En manière de réplique, Dieudonat prit sur la table un chauffe-mains de cuivre ciselé, et le présenta gravement au vieux moine:

—Mon père, Dieu pourrait-il faire que cette boule cessât d'être ronde?

—Assurément, s'il daignait le vouloir.

—Mais Dieu pourrait-il faire que cette boule n'eût pas été ronde?

Le vénérable abbé sursauta d'indignation, mais sans donner de réponse.

Dieudonat reprit tranquillement:

—Je disais, mon père, et sans exception, que nulle puissance n'est absolue.

—Et je dis que les livres ne vous valent rien! Ils ont affolé d'orgueil votre misérable raison!

—Bien misérable, oh! oui. J'en connais toute la misère et la stérilité.

—Retournez dans votre cellule. Vous ne lirez plus!

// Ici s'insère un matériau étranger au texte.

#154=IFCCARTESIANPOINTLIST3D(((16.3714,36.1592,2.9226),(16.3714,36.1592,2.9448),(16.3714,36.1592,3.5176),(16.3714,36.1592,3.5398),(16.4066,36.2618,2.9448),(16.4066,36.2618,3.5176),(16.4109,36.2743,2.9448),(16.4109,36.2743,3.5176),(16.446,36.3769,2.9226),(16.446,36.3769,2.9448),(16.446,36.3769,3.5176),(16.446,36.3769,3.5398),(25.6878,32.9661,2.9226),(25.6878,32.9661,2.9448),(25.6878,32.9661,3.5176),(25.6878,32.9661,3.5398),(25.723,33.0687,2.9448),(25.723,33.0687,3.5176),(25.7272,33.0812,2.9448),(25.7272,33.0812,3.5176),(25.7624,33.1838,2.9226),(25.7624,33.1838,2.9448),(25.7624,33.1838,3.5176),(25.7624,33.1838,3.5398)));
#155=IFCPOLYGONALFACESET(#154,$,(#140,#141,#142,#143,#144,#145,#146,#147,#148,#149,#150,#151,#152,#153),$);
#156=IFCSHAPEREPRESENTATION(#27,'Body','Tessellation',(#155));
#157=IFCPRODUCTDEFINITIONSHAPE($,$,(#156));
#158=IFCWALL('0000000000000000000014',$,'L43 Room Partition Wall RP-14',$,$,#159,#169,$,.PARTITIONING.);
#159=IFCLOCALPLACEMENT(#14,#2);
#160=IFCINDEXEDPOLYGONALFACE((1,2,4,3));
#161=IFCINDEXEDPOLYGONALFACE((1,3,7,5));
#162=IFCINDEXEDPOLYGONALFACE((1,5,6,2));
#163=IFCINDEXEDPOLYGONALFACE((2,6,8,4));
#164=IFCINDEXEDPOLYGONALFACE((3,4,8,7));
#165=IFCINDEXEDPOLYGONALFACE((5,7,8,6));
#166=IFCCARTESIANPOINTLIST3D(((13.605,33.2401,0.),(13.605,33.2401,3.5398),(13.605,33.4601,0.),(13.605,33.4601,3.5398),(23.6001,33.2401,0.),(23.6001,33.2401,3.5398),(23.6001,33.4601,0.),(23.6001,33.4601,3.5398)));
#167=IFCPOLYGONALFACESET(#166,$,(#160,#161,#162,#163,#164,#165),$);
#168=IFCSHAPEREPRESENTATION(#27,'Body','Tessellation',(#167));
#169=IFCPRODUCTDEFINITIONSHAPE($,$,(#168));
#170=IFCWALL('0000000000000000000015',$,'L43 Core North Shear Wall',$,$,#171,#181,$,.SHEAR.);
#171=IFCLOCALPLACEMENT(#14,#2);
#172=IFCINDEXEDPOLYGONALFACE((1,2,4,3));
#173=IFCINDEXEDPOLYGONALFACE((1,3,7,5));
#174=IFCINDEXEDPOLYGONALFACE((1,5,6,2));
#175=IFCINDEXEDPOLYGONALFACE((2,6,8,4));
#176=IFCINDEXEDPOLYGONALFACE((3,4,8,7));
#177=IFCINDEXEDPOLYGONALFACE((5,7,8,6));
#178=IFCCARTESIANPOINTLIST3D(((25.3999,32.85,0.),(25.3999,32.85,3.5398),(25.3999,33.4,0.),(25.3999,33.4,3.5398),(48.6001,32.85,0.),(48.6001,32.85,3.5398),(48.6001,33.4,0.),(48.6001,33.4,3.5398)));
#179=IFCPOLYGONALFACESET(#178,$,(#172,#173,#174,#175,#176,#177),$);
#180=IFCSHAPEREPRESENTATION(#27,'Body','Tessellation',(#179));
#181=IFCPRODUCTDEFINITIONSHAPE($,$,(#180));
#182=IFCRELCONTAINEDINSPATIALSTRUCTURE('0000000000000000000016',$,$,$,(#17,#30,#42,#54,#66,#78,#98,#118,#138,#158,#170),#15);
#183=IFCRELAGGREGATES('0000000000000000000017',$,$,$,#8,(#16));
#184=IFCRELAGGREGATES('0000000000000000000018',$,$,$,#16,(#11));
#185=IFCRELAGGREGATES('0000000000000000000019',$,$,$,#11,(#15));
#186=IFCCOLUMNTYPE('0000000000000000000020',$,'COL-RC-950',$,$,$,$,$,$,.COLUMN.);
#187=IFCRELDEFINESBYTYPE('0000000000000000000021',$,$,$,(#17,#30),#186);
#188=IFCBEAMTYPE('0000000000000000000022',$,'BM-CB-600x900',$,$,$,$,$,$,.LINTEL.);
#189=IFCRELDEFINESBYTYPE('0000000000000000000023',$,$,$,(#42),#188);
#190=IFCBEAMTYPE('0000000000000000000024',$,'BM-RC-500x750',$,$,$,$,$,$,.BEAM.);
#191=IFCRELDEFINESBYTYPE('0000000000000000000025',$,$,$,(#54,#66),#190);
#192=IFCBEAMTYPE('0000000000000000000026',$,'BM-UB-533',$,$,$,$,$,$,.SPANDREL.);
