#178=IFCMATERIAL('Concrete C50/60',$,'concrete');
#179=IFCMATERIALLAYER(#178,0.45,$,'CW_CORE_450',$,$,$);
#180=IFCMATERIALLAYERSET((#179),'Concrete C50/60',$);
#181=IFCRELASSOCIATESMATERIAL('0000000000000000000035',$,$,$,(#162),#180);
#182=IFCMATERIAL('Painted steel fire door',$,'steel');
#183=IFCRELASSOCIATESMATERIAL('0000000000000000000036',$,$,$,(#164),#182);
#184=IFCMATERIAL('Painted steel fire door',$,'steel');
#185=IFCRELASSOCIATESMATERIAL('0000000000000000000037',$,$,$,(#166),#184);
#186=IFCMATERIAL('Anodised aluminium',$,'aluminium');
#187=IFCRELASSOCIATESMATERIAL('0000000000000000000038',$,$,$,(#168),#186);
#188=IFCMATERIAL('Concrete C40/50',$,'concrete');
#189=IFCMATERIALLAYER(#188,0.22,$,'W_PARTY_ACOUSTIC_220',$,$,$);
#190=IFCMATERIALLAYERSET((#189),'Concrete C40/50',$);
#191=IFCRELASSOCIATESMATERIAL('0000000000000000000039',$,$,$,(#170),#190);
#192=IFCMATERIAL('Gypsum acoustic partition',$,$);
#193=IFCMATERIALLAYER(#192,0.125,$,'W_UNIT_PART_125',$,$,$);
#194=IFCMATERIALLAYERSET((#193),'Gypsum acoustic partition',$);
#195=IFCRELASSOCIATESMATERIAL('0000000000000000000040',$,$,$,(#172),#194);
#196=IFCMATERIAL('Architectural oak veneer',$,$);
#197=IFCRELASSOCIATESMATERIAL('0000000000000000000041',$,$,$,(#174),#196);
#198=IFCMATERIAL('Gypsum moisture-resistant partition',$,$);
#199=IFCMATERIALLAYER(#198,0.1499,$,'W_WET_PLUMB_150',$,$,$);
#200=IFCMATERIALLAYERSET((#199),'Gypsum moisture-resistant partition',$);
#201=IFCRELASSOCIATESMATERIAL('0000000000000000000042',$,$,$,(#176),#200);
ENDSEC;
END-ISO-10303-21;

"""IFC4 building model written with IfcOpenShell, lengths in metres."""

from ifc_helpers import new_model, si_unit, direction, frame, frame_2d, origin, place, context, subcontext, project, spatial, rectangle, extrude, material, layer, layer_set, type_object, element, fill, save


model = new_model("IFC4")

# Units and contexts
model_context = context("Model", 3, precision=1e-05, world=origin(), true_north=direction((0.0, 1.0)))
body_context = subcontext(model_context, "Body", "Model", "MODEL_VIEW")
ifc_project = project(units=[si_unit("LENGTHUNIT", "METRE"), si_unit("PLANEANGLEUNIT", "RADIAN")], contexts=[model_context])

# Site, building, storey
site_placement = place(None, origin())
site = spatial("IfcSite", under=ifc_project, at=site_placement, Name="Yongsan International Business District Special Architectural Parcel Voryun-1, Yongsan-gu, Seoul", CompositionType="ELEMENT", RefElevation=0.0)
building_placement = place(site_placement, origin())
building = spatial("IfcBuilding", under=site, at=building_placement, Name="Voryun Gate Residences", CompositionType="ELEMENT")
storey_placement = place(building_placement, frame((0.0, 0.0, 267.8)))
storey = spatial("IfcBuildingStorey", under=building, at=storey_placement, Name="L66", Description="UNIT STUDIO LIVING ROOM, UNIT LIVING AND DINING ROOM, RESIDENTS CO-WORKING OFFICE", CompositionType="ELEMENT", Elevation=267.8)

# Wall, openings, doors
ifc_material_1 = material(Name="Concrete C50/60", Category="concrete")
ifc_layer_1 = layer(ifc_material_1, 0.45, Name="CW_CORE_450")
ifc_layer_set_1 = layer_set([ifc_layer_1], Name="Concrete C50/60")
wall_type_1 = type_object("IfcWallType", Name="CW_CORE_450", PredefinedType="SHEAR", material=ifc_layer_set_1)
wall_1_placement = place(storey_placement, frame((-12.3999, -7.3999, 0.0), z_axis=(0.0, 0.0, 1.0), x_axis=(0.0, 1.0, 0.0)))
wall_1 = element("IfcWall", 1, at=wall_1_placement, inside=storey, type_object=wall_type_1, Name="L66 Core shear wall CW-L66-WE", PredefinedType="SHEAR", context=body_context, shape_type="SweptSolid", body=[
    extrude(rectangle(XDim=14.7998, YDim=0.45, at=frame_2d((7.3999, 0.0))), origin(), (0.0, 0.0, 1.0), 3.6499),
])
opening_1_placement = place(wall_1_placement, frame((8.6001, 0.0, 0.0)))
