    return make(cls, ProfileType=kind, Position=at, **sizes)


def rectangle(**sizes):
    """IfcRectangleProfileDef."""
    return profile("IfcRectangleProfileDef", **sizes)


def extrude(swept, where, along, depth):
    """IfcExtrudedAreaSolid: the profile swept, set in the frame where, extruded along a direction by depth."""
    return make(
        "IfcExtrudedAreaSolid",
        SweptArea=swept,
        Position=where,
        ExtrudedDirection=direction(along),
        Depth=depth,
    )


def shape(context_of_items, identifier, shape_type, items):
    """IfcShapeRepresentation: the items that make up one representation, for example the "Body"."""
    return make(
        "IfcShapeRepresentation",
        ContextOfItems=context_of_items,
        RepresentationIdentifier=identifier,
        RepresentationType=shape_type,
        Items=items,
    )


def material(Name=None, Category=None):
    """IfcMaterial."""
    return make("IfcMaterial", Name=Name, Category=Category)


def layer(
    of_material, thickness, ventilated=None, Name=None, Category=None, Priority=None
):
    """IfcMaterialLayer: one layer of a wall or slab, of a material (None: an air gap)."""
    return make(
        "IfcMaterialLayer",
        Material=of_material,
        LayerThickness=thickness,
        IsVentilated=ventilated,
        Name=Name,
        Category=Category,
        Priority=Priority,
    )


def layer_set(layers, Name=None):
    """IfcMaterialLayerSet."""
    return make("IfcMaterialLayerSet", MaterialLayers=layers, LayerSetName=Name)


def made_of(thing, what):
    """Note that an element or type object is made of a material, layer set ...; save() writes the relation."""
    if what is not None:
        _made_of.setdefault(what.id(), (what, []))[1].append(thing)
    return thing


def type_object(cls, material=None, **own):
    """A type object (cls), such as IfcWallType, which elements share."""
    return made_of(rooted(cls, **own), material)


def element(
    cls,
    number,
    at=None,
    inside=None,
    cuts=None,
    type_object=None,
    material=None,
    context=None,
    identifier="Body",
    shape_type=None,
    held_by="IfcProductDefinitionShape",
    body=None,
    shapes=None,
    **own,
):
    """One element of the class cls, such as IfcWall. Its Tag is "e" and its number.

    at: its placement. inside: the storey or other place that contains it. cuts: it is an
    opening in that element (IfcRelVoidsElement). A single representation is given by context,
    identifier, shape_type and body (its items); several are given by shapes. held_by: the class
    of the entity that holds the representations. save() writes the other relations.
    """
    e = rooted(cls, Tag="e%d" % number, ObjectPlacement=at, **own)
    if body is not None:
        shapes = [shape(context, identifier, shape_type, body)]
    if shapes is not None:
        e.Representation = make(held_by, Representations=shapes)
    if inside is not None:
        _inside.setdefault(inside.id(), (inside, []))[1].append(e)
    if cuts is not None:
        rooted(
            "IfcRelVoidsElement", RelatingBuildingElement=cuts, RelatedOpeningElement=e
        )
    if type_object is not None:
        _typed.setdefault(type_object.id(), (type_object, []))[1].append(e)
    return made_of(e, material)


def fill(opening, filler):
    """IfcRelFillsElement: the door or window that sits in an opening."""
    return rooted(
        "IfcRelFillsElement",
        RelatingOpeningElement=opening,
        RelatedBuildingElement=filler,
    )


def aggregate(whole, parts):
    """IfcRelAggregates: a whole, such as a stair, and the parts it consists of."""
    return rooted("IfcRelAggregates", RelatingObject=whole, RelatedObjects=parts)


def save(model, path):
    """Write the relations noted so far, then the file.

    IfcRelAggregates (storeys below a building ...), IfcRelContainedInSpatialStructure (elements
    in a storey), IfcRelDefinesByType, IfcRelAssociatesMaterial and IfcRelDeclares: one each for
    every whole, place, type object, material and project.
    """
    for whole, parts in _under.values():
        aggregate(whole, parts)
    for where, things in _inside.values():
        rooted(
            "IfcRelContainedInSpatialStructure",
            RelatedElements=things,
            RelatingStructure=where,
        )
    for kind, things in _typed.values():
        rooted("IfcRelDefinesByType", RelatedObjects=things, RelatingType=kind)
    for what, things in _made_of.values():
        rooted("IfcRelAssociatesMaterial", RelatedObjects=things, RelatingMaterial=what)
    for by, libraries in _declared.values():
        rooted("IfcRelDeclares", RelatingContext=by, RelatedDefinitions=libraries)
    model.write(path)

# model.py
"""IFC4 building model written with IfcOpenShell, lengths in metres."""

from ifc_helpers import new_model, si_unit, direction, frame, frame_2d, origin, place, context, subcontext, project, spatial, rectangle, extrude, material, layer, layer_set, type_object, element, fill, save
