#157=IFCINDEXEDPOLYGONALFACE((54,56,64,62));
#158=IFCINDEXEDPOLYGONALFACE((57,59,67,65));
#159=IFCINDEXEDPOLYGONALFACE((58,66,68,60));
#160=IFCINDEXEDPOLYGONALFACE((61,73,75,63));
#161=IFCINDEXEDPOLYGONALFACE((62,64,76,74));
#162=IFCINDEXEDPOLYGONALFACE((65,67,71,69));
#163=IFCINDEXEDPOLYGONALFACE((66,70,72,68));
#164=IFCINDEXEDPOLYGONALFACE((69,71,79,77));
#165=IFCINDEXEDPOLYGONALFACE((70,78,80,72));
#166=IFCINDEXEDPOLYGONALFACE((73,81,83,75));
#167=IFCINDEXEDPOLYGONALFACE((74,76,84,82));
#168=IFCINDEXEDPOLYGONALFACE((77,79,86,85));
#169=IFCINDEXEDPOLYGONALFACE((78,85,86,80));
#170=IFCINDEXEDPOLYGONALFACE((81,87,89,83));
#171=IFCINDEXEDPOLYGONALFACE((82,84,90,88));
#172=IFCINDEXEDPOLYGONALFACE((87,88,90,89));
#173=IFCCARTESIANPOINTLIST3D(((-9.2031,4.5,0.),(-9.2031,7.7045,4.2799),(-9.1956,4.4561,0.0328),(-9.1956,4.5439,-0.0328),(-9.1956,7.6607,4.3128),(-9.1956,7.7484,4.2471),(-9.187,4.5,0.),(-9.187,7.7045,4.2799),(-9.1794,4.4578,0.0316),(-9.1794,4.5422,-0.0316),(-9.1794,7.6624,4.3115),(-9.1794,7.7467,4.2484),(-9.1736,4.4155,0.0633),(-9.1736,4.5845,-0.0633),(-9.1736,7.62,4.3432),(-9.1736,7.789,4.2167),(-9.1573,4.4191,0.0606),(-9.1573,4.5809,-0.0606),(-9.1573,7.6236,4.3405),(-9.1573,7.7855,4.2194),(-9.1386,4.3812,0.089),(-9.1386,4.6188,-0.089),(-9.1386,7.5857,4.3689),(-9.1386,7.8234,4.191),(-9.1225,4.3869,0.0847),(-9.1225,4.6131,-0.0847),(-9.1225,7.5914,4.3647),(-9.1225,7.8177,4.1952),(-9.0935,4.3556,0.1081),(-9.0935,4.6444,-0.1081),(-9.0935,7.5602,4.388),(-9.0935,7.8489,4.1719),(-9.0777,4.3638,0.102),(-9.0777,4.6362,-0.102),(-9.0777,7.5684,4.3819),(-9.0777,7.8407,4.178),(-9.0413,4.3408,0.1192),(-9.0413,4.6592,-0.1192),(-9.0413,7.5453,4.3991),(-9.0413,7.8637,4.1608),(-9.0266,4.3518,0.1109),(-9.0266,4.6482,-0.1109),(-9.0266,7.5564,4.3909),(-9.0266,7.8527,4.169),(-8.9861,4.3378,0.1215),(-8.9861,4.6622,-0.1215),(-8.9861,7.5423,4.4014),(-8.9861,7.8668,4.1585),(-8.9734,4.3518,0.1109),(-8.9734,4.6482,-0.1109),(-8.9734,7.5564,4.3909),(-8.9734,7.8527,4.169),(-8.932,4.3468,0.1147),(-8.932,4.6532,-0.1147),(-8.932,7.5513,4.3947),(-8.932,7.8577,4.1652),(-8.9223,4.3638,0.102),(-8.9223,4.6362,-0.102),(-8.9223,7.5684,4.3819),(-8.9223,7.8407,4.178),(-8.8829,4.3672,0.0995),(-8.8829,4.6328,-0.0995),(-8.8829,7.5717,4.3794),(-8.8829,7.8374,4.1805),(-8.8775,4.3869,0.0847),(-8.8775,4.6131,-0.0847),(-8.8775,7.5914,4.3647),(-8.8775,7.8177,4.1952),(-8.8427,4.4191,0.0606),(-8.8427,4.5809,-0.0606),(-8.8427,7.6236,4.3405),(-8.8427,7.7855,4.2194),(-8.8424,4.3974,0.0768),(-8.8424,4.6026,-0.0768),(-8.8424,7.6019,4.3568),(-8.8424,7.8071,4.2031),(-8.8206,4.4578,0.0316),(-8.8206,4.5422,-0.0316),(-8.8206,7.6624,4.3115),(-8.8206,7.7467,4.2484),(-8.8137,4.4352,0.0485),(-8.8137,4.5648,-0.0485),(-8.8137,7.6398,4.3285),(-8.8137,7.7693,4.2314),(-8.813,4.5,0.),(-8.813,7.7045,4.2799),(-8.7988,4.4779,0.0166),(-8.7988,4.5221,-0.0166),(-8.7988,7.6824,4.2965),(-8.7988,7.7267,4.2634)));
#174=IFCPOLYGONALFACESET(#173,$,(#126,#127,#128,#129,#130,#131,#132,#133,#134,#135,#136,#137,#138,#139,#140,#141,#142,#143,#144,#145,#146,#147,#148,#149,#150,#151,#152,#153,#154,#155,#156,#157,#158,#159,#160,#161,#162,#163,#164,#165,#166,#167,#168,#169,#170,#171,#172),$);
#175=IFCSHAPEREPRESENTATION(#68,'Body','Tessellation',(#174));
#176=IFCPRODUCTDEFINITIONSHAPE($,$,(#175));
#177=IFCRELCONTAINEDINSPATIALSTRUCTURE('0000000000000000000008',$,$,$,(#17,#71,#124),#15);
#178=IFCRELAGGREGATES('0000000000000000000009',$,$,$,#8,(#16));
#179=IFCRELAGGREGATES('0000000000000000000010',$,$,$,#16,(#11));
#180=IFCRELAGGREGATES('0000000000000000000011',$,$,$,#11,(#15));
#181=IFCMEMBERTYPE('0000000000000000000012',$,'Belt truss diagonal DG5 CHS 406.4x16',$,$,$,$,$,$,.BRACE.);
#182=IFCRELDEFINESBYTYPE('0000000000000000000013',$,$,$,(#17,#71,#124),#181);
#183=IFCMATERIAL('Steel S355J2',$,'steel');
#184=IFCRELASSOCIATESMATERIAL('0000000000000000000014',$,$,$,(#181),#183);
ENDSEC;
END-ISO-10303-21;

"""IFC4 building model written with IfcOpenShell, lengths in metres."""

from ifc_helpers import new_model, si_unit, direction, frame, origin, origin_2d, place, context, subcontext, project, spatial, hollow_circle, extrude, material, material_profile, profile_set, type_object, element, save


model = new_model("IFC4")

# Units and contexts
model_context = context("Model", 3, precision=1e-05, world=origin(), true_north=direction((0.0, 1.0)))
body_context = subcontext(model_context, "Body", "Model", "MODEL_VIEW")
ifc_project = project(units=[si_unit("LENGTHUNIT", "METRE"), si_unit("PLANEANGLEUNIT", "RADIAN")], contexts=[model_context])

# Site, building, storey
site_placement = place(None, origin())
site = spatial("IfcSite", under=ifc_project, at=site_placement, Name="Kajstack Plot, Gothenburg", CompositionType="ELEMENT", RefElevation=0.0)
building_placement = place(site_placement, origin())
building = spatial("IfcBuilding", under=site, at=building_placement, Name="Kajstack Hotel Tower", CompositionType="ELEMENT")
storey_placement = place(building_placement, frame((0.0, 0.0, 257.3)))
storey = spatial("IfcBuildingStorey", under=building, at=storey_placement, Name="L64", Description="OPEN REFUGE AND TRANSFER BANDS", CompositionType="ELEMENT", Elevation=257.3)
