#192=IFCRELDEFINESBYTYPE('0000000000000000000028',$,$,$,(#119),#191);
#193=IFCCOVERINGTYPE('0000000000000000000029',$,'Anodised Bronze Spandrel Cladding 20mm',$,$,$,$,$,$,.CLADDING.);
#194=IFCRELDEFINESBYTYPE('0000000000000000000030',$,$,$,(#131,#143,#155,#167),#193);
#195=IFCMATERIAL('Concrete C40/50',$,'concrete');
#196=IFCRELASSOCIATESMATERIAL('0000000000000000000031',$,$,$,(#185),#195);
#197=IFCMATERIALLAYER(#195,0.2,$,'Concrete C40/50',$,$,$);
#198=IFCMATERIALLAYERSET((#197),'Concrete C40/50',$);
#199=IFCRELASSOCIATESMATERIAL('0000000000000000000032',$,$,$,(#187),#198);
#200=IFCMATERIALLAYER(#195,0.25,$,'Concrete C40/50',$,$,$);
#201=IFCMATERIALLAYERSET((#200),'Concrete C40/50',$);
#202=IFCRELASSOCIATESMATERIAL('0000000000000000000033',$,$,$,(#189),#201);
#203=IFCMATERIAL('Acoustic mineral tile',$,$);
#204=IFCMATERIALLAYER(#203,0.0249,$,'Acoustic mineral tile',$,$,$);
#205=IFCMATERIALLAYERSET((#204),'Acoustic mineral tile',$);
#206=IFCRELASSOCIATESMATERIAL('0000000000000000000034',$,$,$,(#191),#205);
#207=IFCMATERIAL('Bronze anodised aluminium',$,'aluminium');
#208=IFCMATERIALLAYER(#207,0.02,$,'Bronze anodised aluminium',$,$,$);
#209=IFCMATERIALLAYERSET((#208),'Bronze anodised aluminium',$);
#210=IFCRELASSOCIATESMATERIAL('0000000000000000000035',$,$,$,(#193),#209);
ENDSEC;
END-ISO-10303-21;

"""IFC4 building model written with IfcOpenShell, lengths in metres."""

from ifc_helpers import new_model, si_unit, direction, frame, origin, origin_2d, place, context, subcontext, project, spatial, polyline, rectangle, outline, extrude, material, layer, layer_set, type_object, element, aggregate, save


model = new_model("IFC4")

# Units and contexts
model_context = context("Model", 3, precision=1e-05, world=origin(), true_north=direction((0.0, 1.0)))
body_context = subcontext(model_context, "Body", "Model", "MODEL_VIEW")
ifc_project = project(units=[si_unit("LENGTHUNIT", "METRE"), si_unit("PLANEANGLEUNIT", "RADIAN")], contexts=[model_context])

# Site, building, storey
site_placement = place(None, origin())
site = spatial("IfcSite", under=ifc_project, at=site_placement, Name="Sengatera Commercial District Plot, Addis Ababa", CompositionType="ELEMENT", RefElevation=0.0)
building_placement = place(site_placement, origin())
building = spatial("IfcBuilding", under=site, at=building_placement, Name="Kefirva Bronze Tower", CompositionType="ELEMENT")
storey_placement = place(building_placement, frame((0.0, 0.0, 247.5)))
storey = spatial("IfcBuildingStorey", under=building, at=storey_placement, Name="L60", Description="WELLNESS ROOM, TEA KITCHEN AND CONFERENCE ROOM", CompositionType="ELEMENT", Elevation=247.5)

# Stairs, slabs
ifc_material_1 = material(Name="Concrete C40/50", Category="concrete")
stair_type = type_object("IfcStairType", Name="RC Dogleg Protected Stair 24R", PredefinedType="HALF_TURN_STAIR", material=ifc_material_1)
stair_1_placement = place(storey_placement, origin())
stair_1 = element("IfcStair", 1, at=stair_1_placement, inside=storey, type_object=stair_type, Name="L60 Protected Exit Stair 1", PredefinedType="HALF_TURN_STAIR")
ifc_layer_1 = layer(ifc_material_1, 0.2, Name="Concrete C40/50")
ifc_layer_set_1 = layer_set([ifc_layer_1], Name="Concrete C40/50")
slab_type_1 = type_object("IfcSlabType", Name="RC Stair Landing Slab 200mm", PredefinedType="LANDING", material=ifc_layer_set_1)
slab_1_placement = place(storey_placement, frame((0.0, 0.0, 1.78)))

—Je ne veux plus lire, en effet; je croyais même vous l'avoir déclaré, étant venu tout exprès pour cela. Car j'ai aperçu vos maçons, mon père, et ils travaillent! Or, après tant d'années perdues, je souhaiterais maintenant de m'adonner, moi aussi, à une besogne réelle, si humble qu'elle fût. Vous êtes irrité contre moi, mon père, et je ne le serais pas moins que vous si les appréciations de mon esprit relevaient de ma volonté, au lieu de s'imposer à elle, comme elles font et doivent faire. Daignez me croire: le seul rôle auquel j'aspire est de me rendre utile un peu. Envoyez-moi parmi ces maçons que j'envie, que j'admire.

—Monseigneur vous a interdit tout contact avec le dehors: ses ordres sont formels.

—Alors, mon père, trouvez-moi une tâche au dedans, une vraie tâche, qui serve à mes pareils, je vous en supplie, mon père.

—J'y réfléchirai, et, lorsque j'aurai pris l'assentiment de Monseigneur, nous aviserons. Allez.

Le prince regagna sa cellule, avec la satisfaction d'un homme qui vient décidément de prendre le meilleur parti.

Il ferma tous ses livres, les salua poliment, les remercia, et leur dit adieu.

Un moine vint les prendre en silence.